Figure 5. Staining of human melanoma tissue microarray samples with anti-ID4.

Figure 6. Knockdown of ID4 or SOX2 inhibit MB formation.

(A) Diagram of experimental design. (B) Effectiveness of siRNAs in knockdown of ID4, SOX2 and NOTCH1 in hESC media. Western blots were carried out using LIN28 siRNA as a negative control. (C) The 1205Lu cells were treated with the indicated siRNAs, followed by challenge with hESC medium. MB formation was monitored. (D) The1205Lu cells were treated with individual ID4 siRNA, followed by challenge with hESC medium. Cell morphology was monitored after 7 days of culture in hESC media. (E) Western blots were carried out to analyze the effectiveness of individual ID4 siRNA. Lanes: mix, a mix of three siRNAs targeting ID4; con, untreated; 1,2,3, independent siRNAs targeting ID4.

Figure 7. Analysis of defects in MB formation.

(A) Diagram of experimental design. Nuclear DsRed-labeled 1205Lu cells were treated with siRNAs, mixed with untreated GFP-labeled 1205Lu cells, and plated under hESC conditions. (B) Imaging of MB formation. Merged image shows readout of red-green mixed (yellow dashed circle) versus green-only (green dashed circle) MBs. In the phase contrast image, the MBs corresponding to the merged images are indicated (white dashed circle). Right, FACS analysis was used to independently monitor cell growth or survival of green and red cells in hESC medium.

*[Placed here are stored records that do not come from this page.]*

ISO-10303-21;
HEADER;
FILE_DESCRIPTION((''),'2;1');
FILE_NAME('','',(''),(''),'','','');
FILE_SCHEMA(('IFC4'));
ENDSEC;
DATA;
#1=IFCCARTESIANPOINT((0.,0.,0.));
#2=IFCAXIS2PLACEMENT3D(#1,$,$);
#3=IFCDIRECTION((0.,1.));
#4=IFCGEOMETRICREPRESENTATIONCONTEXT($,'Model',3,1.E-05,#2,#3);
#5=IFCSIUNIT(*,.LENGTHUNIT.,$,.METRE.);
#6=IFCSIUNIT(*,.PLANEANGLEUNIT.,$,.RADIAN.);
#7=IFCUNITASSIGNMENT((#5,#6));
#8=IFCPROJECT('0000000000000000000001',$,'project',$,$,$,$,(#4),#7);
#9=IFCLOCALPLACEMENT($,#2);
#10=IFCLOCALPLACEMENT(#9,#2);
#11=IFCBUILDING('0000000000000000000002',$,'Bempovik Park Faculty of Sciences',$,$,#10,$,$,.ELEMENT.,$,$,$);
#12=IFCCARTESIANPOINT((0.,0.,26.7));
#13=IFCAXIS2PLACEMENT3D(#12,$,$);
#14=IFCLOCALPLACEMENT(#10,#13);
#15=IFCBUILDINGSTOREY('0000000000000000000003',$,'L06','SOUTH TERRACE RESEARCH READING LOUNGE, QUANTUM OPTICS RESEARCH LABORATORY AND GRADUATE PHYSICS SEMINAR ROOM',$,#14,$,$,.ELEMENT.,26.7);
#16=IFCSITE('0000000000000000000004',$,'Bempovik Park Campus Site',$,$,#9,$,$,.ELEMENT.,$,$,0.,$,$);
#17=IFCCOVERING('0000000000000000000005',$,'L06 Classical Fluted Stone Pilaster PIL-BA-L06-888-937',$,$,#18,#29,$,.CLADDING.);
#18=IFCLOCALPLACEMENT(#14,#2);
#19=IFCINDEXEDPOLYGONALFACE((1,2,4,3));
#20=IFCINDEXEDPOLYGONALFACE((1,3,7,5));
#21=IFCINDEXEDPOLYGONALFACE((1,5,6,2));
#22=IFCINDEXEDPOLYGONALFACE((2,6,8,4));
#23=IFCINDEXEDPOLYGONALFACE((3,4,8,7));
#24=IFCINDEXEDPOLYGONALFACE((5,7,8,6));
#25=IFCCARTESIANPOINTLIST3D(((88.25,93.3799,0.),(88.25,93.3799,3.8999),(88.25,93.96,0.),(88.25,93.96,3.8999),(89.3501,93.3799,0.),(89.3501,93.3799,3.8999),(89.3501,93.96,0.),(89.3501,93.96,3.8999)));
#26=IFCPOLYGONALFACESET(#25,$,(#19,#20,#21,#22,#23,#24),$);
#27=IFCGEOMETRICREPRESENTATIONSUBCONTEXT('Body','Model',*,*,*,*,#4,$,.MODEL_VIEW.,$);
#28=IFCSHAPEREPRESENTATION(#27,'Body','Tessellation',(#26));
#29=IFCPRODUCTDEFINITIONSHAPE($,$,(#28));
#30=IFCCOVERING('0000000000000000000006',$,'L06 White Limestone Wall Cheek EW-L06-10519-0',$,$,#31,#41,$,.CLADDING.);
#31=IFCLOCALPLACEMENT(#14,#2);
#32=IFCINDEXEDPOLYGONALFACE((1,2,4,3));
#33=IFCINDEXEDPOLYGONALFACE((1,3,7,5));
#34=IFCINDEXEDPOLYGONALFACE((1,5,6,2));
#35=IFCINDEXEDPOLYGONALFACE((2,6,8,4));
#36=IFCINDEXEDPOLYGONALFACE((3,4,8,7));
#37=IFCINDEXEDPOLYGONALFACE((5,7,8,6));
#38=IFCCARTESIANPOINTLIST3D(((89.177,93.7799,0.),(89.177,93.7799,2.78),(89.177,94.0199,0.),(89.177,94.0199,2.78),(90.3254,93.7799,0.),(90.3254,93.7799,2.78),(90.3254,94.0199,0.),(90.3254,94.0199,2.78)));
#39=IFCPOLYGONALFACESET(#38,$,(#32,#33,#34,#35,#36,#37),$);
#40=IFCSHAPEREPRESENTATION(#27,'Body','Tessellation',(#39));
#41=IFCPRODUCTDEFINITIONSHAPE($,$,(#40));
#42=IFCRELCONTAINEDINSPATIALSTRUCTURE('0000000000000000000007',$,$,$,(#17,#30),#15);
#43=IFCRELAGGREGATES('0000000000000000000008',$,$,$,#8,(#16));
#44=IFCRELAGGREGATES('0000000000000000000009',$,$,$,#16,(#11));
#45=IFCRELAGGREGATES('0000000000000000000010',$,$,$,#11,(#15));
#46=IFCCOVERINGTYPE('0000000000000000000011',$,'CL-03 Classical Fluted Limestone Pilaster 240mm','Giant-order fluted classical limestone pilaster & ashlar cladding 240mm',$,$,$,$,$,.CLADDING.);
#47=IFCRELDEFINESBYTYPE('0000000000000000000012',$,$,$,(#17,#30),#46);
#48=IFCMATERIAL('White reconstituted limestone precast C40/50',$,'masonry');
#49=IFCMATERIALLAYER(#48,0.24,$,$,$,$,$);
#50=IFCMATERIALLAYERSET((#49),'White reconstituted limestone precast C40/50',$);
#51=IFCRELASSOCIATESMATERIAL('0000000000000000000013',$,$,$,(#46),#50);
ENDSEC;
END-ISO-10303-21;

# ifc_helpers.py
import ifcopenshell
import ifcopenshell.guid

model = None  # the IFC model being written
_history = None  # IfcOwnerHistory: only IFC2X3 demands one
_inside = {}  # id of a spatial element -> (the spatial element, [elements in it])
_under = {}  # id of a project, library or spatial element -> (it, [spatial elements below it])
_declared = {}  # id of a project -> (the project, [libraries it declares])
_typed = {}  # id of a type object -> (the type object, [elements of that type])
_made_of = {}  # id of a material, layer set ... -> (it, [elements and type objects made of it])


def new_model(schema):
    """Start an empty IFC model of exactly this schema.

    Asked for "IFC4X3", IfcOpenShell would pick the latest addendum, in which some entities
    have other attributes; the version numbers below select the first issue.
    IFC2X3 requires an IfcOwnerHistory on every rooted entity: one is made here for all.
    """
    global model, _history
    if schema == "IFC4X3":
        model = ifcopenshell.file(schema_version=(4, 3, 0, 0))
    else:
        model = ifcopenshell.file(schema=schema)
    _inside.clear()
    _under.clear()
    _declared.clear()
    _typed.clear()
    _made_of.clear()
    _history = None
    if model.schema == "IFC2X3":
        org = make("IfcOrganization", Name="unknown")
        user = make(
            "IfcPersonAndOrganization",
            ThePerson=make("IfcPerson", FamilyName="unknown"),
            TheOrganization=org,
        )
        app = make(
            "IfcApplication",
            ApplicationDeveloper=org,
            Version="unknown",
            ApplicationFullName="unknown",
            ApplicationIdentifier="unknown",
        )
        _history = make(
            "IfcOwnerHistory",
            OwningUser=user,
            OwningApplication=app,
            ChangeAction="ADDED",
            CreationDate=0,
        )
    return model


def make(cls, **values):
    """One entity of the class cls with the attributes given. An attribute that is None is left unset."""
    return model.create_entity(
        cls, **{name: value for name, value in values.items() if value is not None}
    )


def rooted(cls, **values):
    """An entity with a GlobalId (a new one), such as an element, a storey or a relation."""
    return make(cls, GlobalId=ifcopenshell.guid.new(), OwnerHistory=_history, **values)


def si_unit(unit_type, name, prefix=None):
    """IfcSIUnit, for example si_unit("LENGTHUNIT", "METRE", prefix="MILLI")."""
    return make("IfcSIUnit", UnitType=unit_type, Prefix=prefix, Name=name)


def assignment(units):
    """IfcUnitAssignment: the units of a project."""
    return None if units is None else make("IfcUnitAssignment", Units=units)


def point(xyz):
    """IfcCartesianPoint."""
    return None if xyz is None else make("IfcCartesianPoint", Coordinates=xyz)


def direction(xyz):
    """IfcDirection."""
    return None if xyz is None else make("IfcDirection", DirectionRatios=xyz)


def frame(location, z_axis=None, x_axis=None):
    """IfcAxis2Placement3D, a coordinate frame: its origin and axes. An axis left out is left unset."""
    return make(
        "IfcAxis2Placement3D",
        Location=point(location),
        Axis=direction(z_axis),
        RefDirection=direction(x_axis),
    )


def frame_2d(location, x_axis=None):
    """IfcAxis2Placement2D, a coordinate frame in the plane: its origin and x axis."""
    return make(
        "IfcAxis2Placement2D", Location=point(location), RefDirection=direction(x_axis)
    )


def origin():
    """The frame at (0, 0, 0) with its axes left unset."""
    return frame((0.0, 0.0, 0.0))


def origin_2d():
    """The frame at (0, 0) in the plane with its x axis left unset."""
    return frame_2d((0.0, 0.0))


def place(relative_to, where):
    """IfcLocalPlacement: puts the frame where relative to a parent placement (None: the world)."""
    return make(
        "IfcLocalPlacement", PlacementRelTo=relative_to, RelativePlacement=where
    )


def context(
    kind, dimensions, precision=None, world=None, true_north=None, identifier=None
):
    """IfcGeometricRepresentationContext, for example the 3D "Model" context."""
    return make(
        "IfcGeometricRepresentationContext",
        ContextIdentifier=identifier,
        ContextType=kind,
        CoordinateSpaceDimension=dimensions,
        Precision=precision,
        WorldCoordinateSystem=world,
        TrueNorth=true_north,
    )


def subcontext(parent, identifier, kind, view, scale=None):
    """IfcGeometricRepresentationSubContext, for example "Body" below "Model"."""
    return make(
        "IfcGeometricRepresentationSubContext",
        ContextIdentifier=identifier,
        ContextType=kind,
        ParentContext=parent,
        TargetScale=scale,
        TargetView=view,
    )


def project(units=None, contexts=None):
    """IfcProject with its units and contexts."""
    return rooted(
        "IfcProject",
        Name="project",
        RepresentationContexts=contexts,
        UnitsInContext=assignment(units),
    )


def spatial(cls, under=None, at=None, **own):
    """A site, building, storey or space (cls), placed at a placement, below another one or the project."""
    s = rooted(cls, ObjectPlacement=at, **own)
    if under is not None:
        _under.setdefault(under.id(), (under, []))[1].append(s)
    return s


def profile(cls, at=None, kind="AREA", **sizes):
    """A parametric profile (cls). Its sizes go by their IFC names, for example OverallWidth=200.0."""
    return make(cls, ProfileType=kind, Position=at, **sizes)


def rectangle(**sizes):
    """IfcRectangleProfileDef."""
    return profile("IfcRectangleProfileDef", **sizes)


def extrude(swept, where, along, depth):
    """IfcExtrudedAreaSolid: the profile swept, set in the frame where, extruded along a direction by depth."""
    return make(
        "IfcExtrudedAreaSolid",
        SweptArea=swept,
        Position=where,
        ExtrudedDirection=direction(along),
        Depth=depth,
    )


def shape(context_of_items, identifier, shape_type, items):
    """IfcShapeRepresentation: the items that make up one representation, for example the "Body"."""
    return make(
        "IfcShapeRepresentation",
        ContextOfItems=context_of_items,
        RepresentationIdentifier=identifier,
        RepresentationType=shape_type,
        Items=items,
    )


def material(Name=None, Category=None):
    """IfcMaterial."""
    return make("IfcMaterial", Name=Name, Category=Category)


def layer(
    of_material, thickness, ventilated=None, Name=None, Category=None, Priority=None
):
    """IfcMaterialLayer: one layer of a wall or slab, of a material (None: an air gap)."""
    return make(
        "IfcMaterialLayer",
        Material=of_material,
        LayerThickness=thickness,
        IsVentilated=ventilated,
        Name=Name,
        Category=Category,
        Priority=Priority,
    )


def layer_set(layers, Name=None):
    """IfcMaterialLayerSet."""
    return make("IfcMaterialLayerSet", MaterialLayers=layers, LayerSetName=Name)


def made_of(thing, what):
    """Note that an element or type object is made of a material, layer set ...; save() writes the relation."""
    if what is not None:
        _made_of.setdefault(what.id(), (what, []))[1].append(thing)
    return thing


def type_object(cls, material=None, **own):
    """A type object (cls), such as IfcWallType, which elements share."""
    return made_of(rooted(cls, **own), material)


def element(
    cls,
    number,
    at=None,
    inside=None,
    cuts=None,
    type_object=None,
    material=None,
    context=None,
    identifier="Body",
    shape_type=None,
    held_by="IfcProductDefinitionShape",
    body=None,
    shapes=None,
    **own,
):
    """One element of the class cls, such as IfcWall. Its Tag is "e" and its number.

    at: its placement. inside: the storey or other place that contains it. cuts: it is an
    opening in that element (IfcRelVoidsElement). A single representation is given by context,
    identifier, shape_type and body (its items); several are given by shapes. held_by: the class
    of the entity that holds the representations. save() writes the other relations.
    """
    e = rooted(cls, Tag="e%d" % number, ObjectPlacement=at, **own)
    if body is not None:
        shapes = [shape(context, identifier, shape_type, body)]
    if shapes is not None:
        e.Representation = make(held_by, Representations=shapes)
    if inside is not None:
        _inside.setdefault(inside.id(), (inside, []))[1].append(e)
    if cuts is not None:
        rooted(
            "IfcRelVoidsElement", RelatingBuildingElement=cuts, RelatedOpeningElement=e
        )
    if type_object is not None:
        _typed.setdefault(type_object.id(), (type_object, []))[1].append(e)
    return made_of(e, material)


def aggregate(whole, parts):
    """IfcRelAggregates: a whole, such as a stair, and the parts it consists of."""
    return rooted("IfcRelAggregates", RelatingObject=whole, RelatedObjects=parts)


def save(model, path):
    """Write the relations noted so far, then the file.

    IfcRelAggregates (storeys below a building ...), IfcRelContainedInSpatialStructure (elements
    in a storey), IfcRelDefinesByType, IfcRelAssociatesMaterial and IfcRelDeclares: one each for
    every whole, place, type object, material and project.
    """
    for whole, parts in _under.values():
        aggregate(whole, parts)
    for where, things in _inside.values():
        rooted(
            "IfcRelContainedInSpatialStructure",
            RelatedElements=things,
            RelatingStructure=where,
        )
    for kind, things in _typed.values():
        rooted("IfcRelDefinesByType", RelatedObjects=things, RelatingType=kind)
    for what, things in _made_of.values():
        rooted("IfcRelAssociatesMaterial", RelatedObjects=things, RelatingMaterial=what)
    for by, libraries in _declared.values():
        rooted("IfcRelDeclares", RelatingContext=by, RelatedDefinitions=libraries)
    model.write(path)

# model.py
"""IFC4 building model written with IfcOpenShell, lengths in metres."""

from ifc_helpers import new_model, si_unit, direction, frame, origin, origin_2d, place, context, subcontext, project, spatial, rectangle, extrude, material, layer, layer_set, type_object, element, save


model = new_model("IFC4")

# Units and contexts
model_context = context("Model", 3, precision=1e-05, world=origin(), true_north=direction((0.0, 1.0)))
body_context = subcontext(model_context, "Body", "Model", "MODEL_VIEW")
ifc_project = project(units=[si_unit("LENGTHUNIT", "METRE"), si_unit("PLANEANGLEUNIT", "RADIAN")], contexts=[model_context])

# Site, building, storey
site_placement = place(None, origin())
site = spatial("IfcSite", under=ifc_project, at=site_placement, Name="Bempovik Park Campus Site", CompositionType="ELEMENT", RefElevation=0.0)
building_placement = place(site_placement, origin())
building = spatial("IfcBuilding", under=site, at=building_placement, Name="Bempovik Park Faculty of Sciences", CompositionType="ELEMENT")
storey_placement = place(building_placement, frame((0.0, 0.0, 26.7)))
storey = spatial("IfcBuildingStorey", under=building, at=storey_placement, Name="L06", Description="SOUTH TERRACE RESEARCH READING LOUNGE, QUANTUM OPTICS RESEARCH LABORATORY AND GRADUATE PHYSICS SEMINAR ROOM", CompositionType="ELEMENT", Elevation=26.7)

# Coverings
ifc_material_1 = material(Name="White reconstituted limestone precast C40/50", Category="masonry")
ifc_layer_1 = layer(ifc_material_1, 0.24)
ifc_layer_set_1 = layer_set([ifc_layer_1], Name="White reconstituted limestone precast C40/50")
covering_type = type_object("IfcCoveringType", Name="CL-03 Classical Fluted Limestone Pilaster 240mm", Description="Giant-order fluted classical limestone pilaster & ashlar cladding 240mm", PredefinedType="CLADDING", material=ifc_layer_set_1)
covering_1_placement = place(storey_placement, frame((88.8, 93.6699, 0.0), z_axis=(0.0, 0.0, 1.0), x_axis=(1.0, 0.0, 0.0)))
element("IfcCovering", 1, at=covering_1_placement, inside=storey, type_object=covering_type, Name="L06 Classical Fluted Stone Pilaster PIL-BA-L06-888-937", PredefinedType="CLADDING", context=body_context, shape_type="SweptSolid", body=[
    extrude(rectangle(XDim=1.1001, YDim=0.5801, at=origin_2d()), origin(), (0.0, 0.0, 1.0), 3.8999),
])
covering_2_placement = place(storey_placement, frame((89.7512, 93.8999, 0.0), z_axis=(0.0, 0.0, 1.0), x_axis=(1.0, 0.0, 0.0)))
element("IfcCovering", 2, at=covering_2_placement, inside=storey, type_object=covering_type, Name="L06 White Limestone Wall Cheek EW-L06-10519-0", PredefinedType="CLADDING", context=body_context, shape_type="SweptSolid", body=[
    extrude(rectangle(XDim=1.1484, YDim=0.24, at=origin_2d()), origin(), (0.0, 0.0, 1.0), 2.78),
])

save(model, "model.ifc")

Figure 8. Knockdown of ID4 promotes differentiation of 1205Lu cells.

(A) Diagram of experimental design. (B) Representative images showing differentiation phenotype of 1205Lu cells after ID4 siRNA knockdown, hESC media challenge (five days), and switching to 254 medium (96 hours). (C) Western blot testing of ID4 knockdown using shRNAs delivered by lentivectors. (D) Representative images showing differentiation phenotype of 1205Lu cells after ID4 shRNA knockdown and hESC media challenge. (E) Representative images showing differentiation phenotype after ID4 shRNA delivery to 1205Lu cultures without exposure to hESC medium. Phenotype was enhanced after 96 hours in 254 medium.

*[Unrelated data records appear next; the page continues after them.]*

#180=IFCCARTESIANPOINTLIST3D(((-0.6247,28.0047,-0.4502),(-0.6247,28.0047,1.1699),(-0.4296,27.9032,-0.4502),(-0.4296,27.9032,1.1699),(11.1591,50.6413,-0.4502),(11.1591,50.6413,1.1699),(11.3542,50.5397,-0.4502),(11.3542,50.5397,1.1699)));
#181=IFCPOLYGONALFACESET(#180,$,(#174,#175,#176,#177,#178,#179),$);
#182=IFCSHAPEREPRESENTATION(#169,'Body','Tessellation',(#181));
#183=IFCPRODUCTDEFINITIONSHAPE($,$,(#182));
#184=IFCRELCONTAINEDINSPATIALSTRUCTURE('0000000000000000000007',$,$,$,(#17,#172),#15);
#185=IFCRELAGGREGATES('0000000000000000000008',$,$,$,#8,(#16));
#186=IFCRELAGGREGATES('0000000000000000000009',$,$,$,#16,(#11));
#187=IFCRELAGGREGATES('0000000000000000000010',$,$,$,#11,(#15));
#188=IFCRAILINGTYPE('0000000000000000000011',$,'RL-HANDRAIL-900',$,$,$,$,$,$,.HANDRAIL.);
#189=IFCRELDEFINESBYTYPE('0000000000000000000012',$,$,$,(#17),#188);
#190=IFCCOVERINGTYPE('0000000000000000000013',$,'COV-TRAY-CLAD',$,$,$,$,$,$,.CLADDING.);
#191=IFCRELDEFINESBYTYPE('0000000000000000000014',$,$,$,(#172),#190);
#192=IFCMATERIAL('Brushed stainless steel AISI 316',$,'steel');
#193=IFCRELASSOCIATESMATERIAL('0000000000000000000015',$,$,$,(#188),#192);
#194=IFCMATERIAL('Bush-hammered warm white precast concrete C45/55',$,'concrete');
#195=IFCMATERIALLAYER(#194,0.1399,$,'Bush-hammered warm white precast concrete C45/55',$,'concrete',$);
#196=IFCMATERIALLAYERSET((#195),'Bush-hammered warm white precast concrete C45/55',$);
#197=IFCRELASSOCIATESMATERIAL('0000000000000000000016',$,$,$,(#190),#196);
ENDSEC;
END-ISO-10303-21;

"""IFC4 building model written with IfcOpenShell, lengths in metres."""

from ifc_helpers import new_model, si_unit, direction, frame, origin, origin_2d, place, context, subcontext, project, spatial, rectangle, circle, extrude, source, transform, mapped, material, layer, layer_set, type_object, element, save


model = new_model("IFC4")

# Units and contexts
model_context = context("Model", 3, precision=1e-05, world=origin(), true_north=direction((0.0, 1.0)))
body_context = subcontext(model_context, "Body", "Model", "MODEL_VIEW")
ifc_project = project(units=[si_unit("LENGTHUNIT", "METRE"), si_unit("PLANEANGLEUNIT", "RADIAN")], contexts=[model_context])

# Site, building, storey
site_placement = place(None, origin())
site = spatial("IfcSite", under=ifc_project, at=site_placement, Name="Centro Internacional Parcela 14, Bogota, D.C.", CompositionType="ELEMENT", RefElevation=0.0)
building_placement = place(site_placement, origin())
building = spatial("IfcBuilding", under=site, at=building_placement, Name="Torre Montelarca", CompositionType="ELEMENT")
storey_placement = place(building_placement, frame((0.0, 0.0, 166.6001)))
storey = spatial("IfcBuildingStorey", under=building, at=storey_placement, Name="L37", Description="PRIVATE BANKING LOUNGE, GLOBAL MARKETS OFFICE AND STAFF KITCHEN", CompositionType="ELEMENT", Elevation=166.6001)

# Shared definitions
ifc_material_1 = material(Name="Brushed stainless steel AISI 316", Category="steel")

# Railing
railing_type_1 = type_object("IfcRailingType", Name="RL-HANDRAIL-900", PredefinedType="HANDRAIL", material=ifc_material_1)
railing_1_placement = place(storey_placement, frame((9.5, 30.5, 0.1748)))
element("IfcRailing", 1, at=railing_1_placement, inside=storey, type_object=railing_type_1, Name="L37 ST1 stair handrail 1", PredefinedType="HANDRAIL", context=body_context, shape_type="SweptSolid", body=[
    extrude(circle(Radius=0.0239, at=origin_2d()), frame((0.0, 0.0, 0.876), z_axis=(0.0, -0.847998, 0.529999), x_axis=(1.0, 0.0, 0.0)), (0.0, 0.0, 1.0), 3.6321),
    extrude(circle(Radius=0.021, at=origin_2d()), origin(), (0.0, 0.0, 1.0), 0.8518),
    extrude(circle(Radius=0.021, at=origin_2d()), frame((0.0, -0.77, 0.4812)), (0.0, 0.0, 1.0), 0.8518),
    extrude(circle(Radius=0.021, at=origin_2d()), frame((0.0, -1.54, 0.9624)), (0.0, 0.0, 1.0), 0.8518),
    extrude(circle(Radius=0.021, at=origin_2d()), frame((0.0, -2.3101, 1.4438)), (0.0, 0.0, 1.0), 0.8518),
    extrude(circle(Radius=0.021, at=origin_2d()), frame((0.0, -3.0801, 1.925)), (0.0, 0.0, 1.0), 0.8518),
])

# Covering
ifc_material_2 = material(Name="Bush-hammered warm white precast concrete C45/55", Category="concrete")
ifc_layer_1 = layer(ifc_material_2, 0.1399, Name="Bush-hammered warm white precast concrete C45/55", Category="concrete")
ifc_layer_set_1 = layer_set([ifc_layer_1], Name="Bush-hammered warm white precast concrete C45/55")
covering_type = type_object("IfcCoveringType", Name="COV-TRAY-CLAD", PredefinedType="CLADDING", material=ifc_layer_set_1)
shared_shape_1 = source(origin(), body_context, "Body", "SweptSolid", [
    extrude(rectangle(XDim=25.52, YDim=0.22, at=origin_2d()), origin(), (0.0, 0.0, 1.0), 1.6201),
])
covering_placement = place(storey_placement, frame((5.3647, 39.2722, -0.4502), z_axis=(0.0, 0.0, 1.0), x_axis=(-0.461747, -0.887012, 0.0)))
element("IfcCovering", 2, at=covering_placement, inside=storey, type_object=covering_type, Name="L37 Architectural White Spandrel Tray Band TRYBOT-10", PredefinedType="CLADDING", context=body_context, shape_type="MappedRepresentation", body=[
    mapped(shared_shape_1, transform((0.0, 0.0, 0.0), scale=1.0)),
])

Figure 9. Representative images showing differentiation phenotype of 1205Lu cells after ID4 shRNA delivery, followed by growth in 254 medium for 96 hours.

Figure 10. Model for role of ID4 as a differentiation guardian.

Model proposes that melanoma cells can undergo phenotype-switching to acquire stem-like cell features. Growth in hESC media can synchronize this behavior. The proposed role of ID4 as part of the stem cell-like transcriptional signature is to act as a “differentiation guardian” to prevent progression of cancer cells to a more normal differentiated state.